Stuff Goes Bad:Erlang In Anger

Chapter 8 CPU and Scheduler Hogs

While memory leaks tend to absolutely kill your system, CPU exhaustion tends to act like a bottleneck and limits the maximal work you can get out of a node. Erlang developers will have a tendency to scale horizontally when they face such issues. It is often an easy enough job to scale out the more basic pieces of code out there. Only centralized global state (process registries, ETS tables, and so on) usually need to be modified. 1 Still, if you want to optimize locally before scaling out at first, you need to be able to find your CPU and scheduler hogs.
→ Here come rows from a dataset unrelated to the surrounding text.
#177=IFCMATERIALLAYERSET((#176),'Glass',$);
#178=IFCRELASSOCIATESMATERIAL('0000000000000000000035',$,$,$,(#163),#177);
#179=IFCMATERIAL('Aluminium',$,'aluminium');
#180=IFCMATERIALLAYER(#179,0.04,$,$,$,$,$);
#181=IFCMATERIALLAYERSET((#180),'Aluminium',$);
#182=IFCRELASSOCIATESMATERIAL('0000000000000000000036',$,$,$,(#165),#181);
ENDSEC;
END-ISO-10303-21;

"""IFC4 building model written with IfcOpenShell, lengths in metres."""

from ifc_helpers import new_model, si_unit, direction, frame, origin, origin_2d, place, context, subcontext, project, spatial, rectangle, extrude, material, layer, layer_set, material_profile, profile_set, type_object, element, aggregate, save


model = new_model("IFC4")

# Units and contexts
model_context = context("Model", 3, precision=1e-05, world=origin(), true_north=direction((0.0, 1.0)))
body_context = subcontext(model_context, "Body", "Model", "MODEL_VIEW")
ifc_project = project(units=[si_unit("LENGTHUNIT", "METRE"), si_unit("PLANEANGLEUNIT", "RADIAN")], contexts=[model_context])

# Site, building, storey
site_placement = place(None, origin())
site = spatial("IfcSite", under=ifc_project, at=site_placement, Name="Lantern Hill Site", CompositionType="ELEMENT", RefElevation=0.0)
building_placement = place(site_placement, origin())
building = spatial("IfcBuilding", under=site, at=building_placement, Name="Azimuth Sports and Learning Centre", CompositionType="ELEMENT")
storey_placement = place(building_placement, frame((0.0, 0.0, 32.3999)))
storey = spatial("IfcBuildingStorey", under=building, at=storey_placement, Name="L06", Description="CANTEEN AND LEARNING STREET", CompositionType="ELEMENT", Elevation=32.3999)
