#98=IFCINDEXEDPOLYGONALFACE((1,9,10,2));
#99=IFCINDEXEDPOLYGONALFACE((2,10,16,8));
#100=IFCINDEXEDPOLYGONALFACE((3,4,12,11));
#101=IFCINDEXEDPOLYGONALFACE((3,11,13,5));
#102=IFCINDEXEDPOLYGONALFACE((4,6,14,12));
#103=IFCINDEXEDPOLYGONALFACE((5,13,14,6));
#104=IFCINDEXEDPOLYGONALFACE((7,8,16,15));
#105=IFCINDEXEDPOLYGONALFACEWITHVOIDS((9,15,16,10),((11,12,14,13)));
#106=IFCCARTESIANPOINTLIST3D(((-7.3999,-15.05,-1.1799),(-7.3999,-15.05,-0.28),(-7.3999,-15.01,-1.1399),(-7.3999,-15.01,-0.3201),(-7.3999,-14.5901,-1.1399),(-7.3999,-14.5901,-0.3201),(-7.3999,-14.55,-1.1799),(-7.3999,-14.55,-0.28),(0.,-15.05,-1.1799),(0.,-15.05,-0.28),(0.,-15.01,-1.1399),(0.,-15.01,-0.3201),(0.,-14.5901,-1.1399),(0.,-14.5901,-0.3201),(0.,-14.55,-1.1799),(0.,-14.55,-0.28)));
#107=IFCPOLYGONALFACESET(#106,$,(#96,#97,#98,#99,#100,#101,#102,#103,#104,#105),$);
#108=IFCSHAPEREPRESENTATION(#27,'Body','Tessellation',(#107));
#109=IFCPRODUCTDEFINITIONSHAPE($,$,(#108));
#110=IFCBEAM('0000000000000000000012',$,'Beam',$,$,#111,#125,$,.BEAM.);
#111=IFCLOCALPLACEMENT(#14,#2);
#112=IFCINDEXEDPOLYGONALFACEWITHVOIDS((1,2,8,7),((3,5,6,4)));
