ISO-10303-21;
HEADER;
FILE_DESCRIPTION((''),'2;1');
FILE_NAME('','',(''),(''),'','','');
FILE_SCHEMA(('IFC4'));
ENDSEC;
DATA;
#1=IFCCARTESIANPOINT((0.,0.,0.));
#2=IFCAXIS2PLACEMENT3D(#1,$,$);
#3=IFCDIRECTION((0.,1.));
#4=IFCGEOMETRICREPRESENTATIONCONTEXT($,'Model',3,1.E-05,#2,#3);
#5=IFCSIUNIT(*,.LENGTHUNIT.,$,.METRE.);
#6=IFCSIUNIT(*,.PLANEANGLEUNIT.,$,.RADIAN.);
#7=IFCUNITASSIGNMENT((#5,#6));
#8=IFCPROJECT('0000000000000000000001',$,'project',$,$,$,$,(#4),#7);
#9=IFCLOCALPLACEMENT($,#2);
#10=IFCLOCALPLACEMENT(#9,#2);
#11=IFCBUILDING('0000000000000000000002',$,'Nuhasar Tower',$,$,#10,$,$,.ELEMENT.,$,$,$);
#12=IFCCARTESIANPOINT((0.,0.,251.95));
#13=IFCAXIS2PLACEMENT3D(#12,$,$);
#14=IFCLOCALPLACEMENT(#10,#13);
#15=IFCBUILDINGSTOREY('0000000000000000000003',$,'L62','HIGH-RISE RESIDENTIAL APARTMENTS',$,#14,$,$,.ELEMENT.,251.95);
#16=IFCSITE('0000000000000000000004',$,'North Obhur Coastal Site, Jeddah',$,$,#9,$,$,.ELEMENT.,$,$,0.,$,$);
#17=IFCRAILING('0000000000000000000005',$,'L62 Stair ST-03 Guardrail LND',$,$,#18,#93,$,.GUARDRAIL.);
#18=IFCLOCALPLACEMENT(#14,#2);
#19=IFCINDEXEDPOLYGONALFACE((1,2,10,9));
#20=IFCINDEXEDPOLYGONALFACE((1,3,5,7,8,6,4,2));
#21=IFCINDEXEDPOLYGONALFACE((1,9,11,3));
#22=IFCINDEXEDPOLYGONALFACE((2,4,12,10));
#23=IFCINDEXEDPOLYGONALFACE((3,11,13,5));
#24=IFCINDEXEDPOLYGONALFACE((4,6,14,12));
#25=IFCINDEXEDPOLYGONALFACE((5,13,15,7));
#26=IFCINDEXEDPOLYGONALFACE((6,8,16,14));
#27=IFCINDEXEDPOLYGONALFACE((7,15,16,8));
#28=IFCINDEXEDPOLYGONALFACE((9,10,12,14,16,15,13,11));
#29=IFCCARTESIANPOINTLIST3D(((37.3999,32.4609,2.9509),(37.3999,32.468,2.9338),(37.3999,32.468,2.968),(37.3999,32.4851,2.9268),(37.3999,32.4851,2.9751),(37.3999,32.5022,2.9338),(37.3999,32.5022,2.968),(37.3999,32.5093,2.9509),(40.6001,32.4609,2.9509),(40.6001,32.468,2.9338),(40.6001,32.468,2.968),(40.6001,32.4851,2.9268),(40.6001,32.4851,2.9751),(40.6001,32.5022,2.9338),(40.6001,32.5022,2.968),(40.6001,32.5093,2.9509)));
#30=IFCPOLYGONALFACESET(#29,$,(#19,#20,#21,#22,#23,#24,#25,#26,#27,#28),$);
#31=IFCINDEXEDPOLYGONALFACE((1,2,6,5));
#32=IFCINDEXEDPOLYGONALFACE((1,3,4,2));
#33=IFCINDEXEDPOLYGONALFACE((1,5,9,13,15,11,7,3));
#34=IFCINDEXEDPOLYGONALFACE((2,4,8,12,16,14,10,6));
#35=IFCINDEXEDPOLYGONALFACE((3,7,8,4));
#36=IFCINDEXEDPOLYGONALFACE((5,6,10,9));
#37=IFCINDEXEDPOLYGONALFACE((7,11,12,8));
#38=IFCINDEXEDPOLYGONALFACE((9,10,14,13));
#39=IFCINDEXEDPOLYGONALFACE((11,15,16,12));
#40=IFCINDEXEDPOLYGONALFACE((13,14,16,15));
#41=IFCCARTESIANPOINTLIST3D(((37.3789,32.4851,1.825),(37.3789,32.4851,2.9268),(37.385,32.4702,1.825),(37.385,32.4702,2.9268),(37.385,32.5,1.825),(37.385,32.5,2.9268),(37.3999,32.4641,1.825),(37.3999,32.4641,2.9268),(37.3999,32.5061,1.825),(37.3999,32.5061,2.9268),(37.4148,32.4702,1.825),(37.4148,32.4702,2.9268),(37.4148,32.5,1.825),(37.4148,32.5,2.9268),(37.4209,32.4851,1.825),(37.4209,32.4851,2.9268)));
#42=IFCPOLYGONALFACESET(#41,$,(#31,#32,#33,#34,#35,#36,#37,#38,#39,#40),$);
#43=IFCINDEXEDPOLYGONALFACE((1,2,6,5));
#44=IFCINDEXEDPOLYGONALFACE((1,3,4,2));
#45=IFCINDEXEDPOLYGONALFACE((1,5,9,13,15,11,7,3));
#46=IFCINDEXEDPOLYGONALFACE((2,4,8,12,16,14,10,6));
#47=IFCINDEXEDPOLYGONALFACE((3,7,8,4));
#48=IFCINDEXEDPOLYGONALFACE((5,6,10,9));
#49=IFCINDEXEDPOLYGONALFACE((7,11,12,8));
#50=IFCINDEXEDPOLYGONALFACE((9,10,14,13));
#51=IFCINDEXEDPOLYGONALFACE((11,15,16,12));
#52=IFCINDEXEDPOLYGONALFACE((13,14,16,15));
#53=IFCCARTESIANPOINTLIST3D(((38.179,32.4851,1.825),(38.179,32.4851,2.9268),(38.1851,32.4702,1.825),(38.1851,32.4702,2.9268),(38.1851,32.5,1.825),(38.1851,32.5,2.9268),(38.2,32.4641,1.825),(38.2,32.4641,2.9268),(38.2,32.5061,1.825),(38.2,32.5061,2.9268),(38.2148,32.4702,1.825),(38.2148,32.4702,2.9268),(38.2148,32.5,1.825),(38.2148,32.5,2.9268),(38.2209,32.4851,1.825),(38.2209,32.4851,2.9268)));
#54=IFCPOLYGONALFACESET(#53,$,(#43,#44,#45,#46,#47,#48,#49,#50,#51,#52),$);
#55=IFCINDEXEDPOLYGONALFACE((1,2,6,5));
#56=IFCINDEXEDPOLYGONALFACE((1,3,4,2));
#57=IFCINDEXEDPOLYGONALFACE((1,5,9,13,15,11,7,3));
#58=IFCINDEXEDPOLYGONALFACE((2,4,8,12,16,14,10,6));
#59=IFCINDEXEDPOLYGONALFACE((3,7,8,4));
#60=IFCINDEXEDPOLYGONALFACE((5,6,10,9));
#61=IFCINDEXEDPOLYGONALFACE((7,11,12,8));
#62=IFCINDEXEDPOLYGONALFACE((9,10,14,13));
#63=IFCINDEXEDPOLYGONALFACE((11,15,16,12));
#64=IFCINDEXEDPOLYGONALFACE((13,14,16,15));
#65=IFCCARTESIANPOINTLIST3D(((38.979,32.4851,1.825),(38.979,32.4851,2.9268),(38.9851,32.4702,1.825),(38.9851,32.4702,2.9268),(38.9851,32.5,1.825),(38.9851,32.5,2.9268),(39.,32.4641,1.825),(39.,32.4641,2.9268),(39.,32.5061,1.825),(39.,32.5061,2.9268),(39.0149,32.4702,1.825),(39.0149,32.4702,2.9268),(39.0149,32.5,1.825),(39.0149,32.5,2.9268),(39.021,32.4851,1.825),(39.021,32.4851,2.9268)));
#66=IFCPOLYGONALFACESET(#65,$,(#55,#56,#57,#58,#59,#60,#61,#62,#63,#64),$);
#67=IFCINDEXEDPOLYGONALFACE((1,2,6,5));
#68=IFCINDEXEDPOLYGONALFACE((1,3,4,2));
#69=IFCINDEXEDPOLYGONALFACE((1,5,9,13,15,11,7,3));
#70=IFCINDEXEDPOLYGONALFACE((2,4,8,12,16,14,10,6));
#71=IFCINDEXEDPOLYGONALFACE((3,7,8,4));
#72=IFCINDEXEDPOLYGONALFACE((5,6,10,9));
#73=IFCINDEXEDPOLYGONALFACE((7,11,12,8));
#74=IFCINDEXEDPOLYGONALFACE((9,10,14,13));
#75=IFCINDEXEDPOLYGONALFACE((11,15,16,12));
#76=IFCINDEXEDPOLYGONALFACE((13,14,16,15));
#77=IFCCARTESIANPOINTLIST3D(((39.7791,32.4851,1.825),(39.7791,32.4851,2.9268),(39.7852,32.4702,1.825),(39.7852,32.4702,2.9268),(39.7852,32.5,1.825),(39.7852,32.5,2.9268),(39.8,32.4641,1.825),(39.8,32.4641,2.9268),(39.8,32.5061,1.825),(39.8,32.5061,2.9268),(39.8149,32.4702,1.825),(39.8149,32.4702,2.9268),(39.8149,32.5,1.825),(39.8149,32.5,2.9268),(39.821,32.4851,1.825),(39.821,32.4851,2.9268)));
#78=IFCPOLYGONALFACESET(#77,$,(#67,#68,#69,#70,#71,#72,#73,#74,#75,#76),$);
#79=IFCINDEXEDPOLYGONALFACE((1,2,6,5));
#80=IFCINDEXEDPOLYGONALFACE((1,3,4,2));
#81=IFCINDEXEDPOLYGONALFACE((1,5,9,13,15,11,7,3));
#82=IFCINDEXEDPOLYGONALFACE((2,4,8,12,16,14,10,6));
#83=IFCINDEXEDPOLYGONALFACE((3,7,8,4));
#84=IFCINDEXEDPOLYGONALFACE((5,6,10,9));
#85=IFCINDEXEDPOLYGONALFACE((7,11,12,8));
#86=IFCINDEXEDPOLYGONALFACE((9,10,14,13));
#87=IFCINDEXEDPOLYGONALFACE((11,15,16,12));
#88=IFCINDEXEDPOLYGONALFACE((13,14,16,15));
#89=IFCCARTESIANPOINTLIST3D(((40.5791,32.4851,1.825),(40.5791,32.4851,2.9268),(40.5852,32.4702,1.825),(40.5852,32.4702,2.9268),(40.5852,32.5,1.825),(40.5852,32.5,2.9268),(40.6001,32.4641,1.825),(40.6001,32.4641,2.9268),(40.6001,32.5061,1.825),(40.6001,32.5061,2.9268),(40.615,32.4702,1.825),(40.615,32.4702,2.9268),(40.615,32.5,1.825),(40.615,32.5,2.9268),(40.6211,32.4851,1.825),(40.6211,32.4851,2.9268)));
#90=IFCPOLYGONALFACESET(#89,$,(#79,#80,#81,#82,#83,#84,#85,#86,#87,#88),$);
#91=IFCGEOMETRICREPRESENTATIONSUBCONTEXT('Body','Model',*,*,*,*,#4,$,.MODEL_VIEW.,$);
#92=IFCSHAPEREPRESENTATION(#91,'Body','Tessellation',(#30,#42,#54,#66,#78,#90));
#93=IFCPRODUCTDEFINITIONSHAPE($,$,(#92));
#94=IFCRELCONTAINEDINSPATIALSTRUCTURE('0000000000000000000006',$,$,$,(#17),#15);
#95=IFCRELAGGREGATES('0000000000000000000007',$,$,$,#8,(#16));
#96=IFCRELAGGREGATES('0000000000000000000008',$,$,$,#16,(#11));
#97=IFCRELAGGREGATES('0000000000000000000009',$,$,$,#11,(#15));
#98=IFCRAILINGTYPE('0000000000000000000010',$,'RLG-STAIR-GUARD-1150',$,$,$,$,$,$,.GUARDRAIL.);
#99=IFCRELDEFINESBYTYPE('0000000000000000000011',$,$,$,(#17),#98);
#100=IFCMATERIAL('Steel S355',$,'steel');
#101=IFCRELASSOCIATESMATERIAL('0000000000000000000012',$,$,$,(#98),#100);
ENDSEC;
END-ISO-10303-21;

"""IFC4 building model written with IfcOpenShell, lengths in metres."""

from ifc_helpers import new_model, si_unit, direction, frame, origin, place, context, subcontext, project, spatial, polyline, outline, extrude, material, type_object, element, save


model = new_model("IFC4")

# Units and contexts
model_context = context("Model", 3, precision=1e-05, world=origin(), true_north=direction((0.0, 1.0)))
body_context = subcontext(model_context, "Body", "Model", "MODEL_VIEW")
ifc_project = project(units=[si_unit("LENGTHUNIT", "METRE"), si_unit("PLANEANGLEUNIT", "RADIAN")], contexts=[model_context])

# Site, building, storey
site_placement = place(None, origin())
site = spatial("IfcSite", under=ifc_project, at=site_placement, Name="North Obhur Coastal Site, Jeddah", CompositionType="ELEMENT", RefElevation=0.0)
building_placement = place(site_placement, origin())
building = spatial("IfcBuilding", under=site, at=building_placement, Name="Nuhasar Tower", CompositionType="ELEMENT")
storey_placement = place(building_placement, frame((0.0, 0.0, 251.95)))
storey = spatial("IfcBuildingStorey", under=building, at=storey_placement, Name="L62", Description="HIGH-RISE RESIDENTIAL APARTMENTS", CompositionType="ELEMENT", Elevation=251.95)

# Shared definitions
ifc_material_1 = material(Name="Steel S355", Category="steel")

# Railing
railing_type_1 = type_object("IfcRailingType", Name="RLG-STAIR-GUARD-1150", PredefinedType="GUARDRAIL", material=ifc_material_1)
railing_1_placement = place(storey_placement, frame((37.3999, 32.4851, 1.825)))
element("IfcRailing", 1, at=railing_1_placement, inside=storey, type_object=railing_type_1, Name="L62 Stair ST-03 Guardrail LND", PredefinedType="GUARDRAIL", context=body_context, shape_type="SweptSolid", body=[
    extrude(outline(polyline([(0.0242, 0.0), (0.0171, 0.0171), (0.0, 0.0242), (-0.0171, 0.0171), (-0.0242, 0.0), (-0.0171, -0.0171), (0.0, -0.0242), (0.0171, -0.0171), (0.0242, 0.0)])), frame((0.0, 0.0, 1.126), z_axis=(1.0, 0.0, 0.0), x_axis=(0.0, 1.0, 0.0)), (0.0, 0.0, 1.0), 3.2002),
    extrude(outline(polyline([(0.021, 0.0), (0.0149, 0.0149), (0.0, 0.021), (-0.0149, 0.0149), (-0.021, 0.0), (-0.0149, -0.0149), (0.0, -0.021), (0.0149, -0.0149), (0.021, 0.0)])), origin(), (0.0, 0.0, 1.0), 1.1018),
    extrude(outline(polyline([(0.021, 0.0), (0.0149, 0.0149), (0.0, 0.021), (-0.0149, 0.0149), (-0.021, 0.0), (-0.0149, -0.0149), (0.0, -0.021), (0.0149, -0.0149), (0.021, 0.0)])), frame((0.8, 0.0, 0.0)), (0.0, 0.0, 1.0), 1.1018),
    extrude(outline(polyline([(0.021, 0.0), (0.0149, 0.0149), (0.0, 0.021), (-0.0149, 0.0149), (-0.021, 0.0), (-0.0149, -0.0149), (0.0, -0.021), (0.0149, -0.0149), (0.021, 0.0)])), frame((1.6001, 0.0, 0.0)), (0.0, 0.0, 1.0), 1.1018),
    extrude(outline(polyline([(0.021, 0.0), (0.0149, 0.0149), (0.0, 0.021), (-0.0149, 0.0149), (-0.021, 0.0), (-0.0149, -0.0149), (0.0, -0.021), (0.0149, -0.0149), (0.021, 0.0)])), frame((2.4001, 0.0, 0.0)), (0.0, 0.0, 1.0), 1.1018),
    extrude(outline(polyline([(0.021, 0.0), (0.0149, 0.0149), (0.0, 0.021), (-0.0149, 0.0149), (-0.021, 0.0), (-0.0149, -0.0149), (0.0, -0.021), (0.0149, -0.0149), (0.021, 0.0)])), frame((3.2002, 0.0, 0.0)), (0.0, 0.0, 1.0), 1.1018),
])

save(model, "model.ifc")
 当内存泄露差不多要把你的系统杀死时,CPU耗尽就成为一个瓶颈,限制你在节点上的工作。当Erlang开发者面临这个问题时,会倾向于纵向扩展(scale horizontally)。通常向外扩展基本代码是非常简单的。只需要集中修改1全局状态(进程注册信息,ETS表等)。当然,如果你想在扩展前先局部优化下,你需要找出CPU和调度器的问题(hogs)。

 It is generally difficult to properly analyze the CPU usage of an Erlang node to pin problems to a specific piece of code. With everything concurrent and in a virtual machine, there is no guarantee you will find out if a specific process, driver, your own Erlang code, NIFs you may have installed, or some third-party library is eating up all your processing power.
 The existing approaches are often limited to profiling and reduction-counting if it’s in your code, and to monitoring the scheduler’s work if it might be anywhere else (but also your code).

 分析Erlang节点CPU的使用情况通常很难定位到是哪一部分代码出问题。由于一切都是在虚拟机里并行,就不能保证你能找到耗尽了你所有的处理能力的那一个特定的进程,driver,你自己的Erlang代码,你定制的NIF,或某个第三方库。
 现有的方法往往局限于在你的代码中分析(profiling)和减少计数(reduction-counting),并监控调度程序(scheduler)的工作,看看有没有可能会是其它地方(但还是在你的代码里)。

[1] Usually this takes the form of sharding or finding a state-replication scheme that’s suitable, and little more. It’s still a decent piece of work, but nothing compared to finding out most of your program’s semantics aren’t applicable to distributed systems given Erlang usually forces your hand there in the first place.

[注1]:通常这需要分片的形式或找到一个合适的状态复制(state-replication)方案。这仍然是一个不错的工作,但相比于此,优化你程序里大部分不适合分布式系统的代码语义(sematics)来说才是你首先需要做的。